8. Acacia leocophloea
Nama lain Acacia leocophloea di antaranya yaitu: opilan, pèlang (Madura); pilang (Jawa) pélang (Bali); kai bèsak, ai bèsak (Rote); dan kabèsa’ (Timor). Nama dalam bahasa lain, di antaranya: hiwar, haribawal, pilo-bawal (Gujarati); rhea, reru, rinj, rayni, safed kikkar (Hindi); safed babul (Bengali); sarai, vel-vaghe (Tamil); ta-noung (Burma); chalaep-daeng, phayamai (Thai); serta white-bark acacia, brewers acacia, distillers acacia (Inggris). Tersebar secara alami di kawasan kering dan banyak dijumpai di hutan savana.
Acacia leocophloea
Klasifikasi Ilmiah
Berhabitus pohon dengan ketinggian mencapai 35 m. Diameter batang mencapai 1m.
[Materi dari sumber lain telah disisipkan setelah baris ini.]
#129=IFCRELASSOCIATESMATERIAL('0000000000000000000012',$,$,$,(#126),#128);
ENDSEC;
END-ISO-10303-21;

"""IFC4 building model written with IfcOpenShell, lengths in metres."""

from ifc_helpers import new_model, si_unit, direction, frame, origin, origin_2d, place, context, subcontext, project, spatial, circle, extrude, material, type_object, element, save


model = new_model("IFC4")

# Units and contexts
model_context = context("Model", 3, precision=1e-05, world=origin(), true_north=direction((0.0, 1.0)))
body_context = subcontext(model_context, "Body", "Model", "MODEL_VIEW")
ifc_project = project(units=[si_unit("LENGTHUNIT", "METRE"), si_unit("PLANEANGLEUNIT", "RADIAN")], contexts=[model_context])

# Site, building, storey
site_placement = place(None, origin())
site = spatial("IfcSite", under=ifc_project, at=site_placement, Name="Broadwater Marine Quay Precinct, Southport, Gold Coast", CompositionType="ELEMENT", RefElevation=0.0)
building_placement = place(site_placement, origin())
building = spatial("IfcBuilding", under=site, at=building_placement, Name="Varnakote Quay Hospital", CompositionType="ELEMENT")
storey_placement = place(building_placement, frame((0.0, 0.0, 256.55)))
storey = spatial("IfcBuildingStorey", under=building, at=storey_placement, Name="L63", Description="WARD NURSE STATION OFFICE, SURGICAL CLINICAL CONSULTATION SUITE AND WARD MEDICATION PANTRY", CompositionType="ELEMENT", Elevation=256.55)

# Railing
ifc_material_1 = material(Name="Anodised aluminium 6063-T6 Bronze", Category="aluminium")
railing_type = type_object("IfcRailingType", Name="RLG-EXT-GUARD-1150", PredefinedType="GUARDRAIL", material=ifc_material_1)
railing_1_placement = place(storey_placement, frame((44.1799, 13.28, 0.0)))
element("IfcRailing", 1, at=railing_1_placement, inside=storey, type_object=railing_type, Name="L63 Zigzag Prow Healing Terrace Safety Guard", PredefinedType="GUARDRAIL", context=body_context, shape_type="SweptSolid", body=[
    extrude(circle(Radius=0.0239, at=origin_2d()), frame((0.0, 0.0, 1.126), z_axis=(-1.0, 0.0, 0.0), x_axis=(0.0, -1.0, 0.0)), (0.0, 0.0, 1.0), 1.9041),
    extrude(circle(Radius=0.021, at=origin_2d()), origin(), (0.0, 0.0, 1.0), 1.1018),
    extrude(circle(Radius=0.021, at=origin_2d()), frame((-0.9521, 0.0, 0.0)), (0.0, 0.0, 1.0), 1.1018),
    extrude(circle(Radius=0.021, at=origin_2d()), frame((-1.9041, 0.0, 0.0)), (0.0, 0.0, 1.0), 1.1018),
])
Batang kekar, dengan beberapa cabang berdiameter besar. Kulit batang berwarna putih atau abu-abu kekuningan, halus, mengelupas dalam helaian panjang. Ranting-ranting berduri tajam, panjangnya hingga 2,5 cm, berwarna coklat gelap atau hitam, jarang berwarna putih. Tajuknya menyerupai payung. Daun majemuk ganda menyirip, dengan poros 3,5-8,5 cm dan 4-13 pasang sirip. Anak-anak daun 6-30 pasang setiap siripnya. Bunga tersusun dalam bongkol yang hampir bulat. Berwarna putih kekuningan. Bongkol-bongkol bunga selanjutnya tersusun dalam malai besar di ujung ranting, hingga 30 cm panjanganya. Buah polong bentuk garis, lurus atau sedikit lengkung, 6—15(—20) cm × 7–11 mm × 3 mm, coklat gelap, mengayu, tidak memecah, berisi 5—12(—20) biji yang pipih coklat keabu-abuan.
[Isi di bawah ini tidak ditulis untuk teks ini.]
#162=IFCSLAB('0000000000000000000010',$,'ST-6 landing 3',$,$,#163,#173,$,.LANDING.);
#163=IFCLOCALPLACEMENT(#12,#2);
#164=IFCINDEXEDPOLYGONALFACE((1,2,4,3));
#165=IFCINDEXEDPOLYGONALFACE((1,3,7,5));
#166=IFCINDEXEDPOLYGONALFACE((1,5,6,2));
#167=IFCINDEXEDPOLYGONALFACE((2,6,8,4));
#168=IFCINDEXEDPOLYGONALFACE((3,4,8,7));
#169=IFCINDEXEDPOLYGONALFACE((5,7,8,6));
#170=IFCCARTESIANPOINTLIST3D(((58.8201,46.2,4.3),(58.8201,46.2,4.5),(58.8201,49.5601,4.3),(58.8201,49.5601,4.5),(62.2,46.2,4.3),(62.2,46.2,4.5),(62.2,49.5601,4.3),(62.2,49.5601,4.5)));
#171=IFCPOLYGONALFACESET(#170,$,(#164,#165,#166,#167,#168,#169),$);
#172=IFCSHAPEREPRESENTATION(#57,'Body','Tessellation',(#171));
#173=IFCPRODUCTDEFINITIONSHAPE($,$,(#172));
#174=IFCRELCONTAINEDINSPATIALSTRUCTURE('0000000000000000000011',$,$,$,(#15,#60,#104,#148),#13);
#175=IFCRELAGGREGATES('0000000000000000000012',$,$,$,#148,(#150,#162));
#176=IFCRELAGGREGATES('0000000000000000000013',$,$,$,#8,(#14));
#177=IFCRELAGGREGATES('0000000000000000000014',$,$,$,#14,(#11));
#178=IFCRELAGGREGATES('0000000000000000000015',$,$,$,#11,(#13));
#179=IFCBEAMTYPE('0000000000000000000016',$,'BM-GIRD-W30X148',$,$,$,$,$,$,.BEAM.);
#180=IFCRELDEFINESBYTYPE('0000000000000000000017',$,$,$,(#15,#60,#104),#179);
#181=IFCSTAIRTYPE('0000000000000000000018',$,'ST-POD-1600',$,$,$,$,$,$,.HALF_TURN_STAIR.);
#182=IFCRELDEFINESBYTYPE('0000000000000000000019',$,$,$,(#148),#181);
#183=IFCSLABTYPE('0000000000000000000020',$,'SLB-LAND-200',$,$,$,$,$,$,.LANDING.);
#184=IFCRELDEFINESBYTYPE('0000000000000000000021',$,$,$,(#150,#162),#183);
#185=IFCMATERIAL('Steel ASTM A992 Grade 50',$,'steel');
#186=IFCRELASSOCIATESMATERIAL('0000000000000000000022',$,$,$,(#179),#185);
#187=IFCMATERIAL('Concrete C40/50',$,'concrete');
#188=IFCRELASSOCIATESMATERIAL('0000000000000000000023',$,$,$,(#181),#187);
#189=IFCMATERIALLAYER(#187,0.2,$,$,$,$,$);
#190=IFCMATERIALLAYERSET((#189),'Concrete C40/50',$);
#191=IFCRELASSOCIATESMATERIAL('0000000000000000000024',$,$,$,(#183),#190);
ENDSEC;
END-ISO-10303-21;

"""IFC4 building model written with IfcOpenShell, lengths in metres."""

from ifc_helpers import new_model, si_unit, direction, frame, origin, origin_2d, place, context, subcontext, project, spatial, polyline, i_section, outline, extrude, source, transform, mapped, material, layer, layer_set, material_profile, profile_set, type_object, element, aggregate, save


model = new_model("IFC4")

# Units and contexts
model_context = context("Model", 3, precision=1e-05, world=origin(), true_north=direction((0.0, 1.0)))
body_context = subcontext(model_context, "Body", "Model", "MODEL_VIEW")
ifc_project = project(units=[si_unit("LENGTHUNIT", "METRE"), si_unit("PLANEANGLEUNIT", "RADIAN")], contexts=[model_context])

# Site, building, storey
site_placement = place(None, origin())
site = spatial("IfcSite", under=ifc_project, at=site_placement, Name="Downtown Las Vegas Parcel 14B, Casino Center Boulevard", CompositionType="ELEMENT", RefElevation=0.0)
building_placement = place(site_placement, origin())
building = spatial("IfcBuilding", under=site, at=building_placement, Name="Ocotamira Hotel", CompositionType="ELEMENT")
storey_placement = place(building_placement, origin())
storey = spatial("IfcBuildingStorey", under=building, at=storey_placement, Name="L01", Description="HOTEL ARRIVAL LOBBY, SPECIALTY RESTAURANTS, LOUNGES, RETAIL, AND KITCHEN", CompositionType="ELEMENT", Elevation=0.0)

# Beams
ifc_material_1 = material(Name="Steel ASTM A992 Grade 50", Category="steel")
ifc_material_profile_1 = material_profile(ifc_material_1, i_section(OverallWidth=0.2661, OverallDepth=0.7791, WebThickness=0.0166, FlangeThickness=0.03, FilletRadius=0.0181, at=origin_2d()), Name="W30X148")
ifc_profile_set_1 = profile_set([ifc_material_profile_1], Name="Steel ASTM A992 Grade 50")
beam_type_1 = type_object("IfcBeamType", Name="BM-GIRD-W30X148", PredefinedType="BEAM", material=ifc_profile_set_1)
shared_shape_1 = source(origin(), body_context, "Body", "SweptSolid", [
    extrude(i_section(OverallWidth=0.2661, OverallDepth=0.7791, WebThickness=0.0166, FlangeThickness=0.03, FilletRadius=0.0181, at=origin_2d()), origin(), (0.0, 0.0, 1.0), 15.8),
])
Pepagan atau kulit kayunya menghasilkan bahan penyamak (tanin) yang pada masa lalu digunakan dalam industry pengolahan kulit hewan (Terutama sapi dan kerbau). Daun pilang, polong dan ranting muda untuk pakan ternak. Kecambah bijinya untuk sayuran. Perakarannya mengikat nitrogen dari udara, sehingga tanaman ini dapat memperbaiki kesuburan tanah.
9. Acacia lebbeck
Acacia lebbeck atau Albizia lebbeck (L.), merupakan species dari genus Albizia yang paling banyak tersebar dan paling umum di seluruh dunia. Nama lain atau sinonimnya adalah: Albizia lebbeck (L.), Acacia macrophylla, Acacia lebbeck (L.) Willd. Acacia speciosa (Jacq.) Willd. Albizia latifolia B. Boivin, Albizia rostrata Miq., Feuilleea lebbeck (L.) Kuntze, Inga borbonica Hassk, Inga leucoxylon Hassk, Mimosa lebbeck L. Mimosa sirissa Roxb. Mimosa speciosa Jacq.Mimosa speciosa Thunb., Albizia julibrissin.
Acacia lebbeck
Klasifikasi Ilmiah
Persebaran alami tanaman ini meliputi: Indomalaya termasuk di dalamnya Indonesia, Papua Nugini dan Australia Utara.Di Yogyakarta jenis tanaman ini ditemukan tumbuh di hutan Tahura Bunder petak 19 dan Hutan Pendidikan Wanagama petak 5.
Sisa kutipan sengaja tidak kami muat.